Intro

The seminal issue in statistics is inacessability of ground truth. We do not know any features of the studied population, all we have is the sample. And so statisticians report results with error bars, capturing the uncertainty about a statistic deriving from the sample error. A typical assumption is often made: "Assuming I.I.D. Gaussian noise..."

But what if this is not the case? Gaussian noise admits analytic tractability and ease of computation, but there are cases when a researcher does not know the true distribution of errors. Just as frequently, models do not allow for standard computations of desired statistics. For instance, a model may have some implicit parameter derived from the data in such a way that confidence bands do not just show standard errors around the mean, but in fact the mean (the underlying model) itself changes!

Here we deal only with the first case by introducing the technique of bootstrapping.

Bootstrapping

The idea is making statistical inferences from simulated samples resampled from the original sample. The population distribution is inacessible, so errors cannot be directly estimated. Instead we treat the emprical distribution (the sample) as the population, resample new bootstrapped samples (with replacement) from this distribution, and compute errors by considering the variability of the statistic on the set of bootstrap samples.
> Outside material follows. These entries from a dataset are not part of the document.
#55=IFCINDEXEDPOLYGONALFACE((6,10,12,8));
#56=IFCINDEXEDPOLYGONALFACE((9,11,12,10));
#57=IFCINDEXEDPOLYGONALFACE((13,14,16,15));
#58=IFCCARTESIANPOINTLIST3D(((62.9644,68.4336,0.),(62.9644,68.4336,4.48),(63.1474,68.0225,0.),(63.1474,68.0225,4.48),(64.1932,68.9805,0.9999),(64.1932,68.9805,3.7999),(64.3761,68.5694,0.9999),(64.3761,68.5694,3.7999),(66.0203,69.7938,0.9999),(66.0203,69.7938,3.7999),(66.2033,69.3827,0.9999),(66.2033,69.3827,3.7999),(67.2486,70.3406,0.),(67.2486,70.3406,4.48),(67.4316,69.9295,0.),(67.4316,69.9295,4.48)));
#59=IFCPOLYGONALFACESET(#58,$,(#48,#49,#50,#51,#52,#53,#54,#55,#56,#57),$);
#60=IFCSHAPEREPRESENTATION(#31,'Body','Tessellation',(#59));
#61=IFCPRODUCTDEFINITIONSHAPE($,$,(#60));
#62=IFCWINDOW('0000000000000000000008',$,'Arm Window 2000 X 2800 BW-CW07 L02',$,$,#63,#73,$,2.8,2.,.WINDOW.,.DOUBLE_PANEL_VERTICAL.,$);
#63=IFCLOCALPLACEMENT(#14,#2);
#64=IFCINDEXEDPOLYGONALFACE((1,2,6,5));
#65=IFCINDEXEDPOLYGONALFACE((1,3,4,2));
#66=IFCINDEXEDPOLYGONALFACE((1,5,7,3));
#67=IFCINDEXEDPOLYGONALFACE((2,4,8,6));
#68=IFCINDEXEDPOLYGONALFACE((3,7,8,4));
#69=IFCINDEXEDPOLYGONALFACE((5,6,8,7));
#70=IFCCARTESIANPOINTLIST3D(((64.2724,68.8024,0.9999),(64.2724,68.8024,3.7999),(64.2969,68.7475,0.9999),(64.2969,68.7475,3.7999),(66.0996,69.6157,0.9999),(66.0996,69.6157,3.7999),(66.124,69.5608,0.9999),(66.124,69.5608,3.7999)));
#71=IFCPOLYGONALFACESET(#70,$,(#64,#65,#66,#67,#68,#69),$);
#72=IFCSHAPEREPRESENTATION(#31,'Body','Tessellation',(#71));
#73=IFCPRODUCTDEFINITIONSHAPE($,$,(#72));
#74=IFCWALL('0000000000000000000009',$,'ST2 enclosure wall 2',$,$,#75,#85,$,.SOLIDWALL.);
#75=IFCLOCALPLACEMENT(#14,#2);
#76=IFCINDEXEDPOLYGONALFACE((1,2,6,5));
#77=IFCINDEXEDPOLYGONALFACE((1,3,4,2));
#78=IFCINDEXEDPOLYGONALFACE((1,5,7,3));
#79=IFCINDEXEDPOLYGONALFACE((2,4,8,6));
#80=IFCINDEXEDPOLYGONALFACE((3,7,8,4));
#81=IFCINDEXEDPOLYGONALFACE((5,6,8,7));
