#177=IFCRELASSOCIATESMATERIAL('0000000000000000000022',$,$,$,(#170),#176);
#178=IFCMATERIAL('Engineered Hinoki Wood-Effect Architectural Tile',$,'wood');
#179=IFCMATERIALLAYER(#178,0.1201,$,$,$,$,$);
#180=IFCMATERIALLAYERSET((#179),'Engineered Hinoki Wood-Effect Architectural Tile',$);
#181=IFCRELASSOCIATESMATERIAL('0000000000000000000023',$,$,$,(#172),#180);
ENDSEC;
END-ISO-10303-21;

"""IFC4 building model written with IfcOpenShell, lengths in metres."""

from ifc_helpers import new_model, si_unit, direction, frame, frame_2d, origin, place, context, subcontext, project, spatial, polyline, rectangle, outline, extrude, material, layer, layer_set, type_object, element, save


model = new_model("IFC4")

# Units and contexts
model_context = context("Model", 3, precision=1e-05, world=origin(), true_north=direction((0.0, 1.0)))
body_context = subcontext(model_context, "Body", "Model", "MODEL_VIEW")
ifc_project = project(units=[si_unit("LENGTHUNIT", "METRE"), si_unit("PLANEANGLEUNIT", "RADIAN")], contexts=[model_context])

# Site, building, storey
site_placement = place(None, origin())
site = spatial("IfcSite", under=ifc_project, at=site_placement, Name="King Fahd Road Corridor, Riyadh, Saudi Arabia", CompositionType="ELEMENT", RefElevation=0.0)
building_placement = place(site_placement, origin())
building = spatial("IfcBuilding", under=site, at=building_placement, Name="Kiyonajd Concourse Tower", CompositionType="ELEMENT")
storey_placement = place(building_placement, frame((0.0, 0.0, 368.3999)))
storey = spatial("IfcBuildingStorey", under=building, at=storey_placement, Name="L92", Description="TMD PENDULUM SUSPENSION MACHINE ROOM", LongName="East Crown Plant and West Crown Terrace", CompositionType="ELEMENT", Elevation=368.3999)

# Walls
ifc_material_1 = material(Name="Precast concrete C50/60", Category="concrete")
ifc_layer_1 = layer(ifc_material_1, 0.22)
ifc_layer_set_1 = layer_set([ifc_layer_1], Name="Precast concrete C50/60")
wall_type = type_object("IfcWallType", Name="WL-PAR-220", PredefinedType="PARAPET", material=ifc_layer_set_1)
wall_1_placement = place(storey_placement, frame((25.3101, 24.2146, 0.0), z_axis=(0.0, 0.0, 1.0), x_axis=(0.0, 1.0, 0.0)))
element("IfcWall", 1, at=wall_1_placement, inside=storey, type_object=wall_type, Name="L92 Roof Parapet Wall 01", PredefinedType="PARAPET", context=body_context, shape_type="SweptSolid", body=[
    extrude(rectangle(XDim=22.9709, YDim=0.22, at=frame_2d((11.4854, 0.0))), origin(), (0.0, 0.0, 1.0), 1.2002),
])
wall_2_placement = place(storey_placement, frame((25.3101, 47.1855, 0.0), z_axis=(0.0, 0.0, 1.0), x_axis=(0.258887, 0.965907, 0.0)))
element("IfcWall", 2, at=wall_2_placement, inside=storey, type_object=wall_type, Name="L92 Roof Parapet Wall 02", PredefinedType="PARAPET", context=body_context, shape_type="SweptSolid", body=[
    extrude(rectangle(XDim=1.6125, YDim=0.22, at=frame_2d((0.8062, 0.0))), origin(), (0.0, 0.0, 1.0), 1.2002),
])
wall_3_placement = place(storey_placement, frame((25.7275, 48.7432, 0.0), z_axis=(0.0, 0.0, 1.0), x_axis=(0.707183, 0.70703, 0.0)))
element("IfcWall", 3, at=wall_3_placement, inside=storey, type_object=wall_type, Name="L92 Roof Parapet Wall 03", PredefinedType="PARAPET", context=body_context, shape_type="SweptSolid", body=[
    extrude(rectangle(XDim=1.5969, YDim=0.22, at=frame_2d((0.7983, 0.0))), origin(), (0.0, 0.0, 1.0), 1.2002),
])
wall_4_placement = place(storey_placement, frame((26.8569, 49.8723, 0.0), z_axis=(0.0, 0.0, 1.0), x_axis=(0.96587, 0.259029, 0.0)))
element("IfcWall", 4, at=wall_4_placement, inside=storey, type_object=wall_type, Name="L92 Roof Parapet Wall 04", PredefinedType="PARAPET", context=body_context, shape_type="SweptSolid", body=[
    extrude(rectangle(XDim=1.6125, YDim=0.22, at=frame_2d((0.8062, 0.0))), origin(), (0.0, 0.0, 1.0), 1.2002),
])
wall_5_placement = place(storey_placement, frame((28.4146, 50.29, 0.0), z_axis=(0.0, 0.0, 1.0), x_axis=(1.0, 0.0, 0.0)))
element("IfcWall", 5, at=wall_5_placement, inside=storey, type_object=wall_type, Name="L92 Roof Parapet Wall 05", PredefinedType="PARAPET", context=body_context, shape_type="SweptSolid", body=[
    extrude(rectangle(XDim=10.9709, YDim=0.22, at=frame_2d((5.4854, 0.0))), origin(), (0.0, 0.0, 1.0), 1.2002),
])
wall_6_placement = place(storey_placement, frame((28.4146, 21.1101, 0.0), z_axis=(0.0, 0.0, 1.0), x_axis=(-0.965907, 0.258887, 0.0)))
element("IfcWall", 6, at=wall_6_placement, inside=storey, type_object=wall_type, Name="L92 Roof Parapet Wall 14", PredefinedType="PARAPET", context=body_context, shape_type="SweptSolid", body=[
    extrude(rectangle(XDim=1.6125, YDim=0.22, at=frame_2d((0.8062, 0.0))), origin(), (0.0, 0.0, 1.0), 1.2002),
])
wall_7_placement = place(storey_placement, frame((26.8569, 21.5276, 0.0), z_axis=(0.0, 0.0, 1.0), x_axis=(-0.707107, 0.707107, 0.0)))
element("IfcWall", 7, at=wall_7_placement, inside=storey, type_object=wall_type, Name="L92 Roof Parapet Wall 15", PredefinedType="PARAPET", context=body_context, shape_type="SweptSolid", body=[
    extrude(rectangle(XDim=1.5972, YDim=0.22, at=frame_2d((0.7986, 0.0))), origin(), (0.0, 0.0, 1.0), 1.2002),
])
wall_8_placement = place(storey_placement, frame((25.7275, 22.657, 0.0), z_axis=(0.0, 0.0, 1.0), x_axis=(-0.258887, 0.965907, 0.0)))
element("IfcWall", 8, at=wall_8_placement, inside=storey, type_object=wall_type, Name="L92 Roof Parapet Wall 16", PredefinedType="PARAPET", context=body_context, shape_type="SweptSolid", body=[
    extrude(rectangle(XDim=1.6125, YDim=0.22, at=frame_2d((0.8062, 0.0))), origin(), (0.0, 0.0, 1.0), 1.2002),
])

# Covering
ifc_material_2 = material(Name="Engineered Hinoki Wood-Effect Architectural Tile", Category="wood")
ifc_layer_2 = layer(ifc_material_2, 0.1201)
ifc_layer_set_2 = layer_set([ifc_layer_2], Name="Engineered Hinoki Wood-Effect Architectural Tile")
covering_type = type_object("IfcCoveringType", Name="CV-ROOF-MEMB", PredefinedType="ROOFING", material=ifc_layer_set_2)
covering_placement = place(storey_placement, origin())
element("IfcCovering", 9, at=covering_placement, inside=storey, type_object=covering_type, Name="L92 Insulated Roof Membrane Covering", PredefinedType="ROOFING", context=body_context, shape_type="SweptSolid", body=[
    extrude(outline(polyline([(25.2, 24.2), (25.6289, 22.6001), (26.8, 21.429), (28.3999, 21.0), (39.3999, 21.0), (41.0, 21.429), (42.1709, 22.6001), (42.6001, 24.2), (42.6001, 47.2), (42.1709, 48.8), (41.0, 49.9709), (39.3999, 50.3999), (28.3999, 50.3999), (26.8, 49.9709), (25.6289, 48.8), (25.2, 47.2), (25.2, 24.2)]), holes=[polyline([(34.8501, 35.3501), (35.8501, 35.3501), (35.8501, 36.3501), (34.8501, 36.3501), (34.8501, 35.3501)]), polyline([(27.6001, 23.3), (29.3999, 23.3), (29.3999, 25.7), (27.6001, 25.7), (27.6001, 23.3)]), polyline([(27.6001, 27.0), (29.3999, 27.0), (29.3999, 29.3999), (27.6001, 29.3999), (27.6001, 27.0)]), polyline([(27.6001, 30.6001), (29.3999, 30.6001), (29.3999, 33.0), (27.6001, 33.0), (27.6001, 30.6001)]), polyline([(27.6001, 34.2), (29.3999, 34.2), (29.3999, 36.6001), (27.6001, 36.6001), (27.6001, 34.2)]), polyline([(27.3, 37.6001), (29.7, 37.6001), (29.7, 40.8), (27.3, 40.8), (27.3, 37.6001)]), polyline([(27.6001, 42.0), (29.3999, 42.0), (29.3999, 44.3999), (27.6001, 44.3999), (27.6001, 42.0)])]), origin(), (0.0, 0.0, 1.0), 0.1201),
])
We present error bars for a function estimated by local linear regression by the bootstrap method. The data exhibit heteroskedacity: the magnitude of noise increases with $$x$$. Standard techniques may use a single, constant estimate of noise variance. In that case, error bands will be tighter in regions with more data, but this will not reflect the changing noise variance.

One strength of bootstrapping is revealed here. A computer can easily recompute a local linear regression estimate for each of the boostrapped samples. These will automatically vary more in regions of high variance. By repeating the process many times (here $$B=200$$) we compute 95% confidence bands by taking the 2.5th and 97.5th percentile of the set of boostrapped estimates at each point in the interval. Observe that the confidence bands become wider not only at the edges, where there are fewer data points, but also towards the right where the data are noisier. It is worth pointing out that bootstrapping cannot help us get rid of a model's basic bias. At the maximum near $$x=0.3$$ local linear regression is an underestimate. This is a basic issue with kernel averaging methods and may be addressed with, e.g., local quadratic regression or spline regression, but will not be solved with a resampling technique.

Conclusion

Computing a statistic by bootstrapping is a powerful and widely applicable technique. Perhaps its biggest advantage lies in its ease of implementation for a wide variety of statistical situations. The same statistics that are already being computed only need to be recomputed for the bootstrap samples.

References

Hastie, T., Tibshirani, R., Friedman, J. The Elements of Statistical Learning: Data Mining, Inference, and Prediction. 2nd ed. (2009).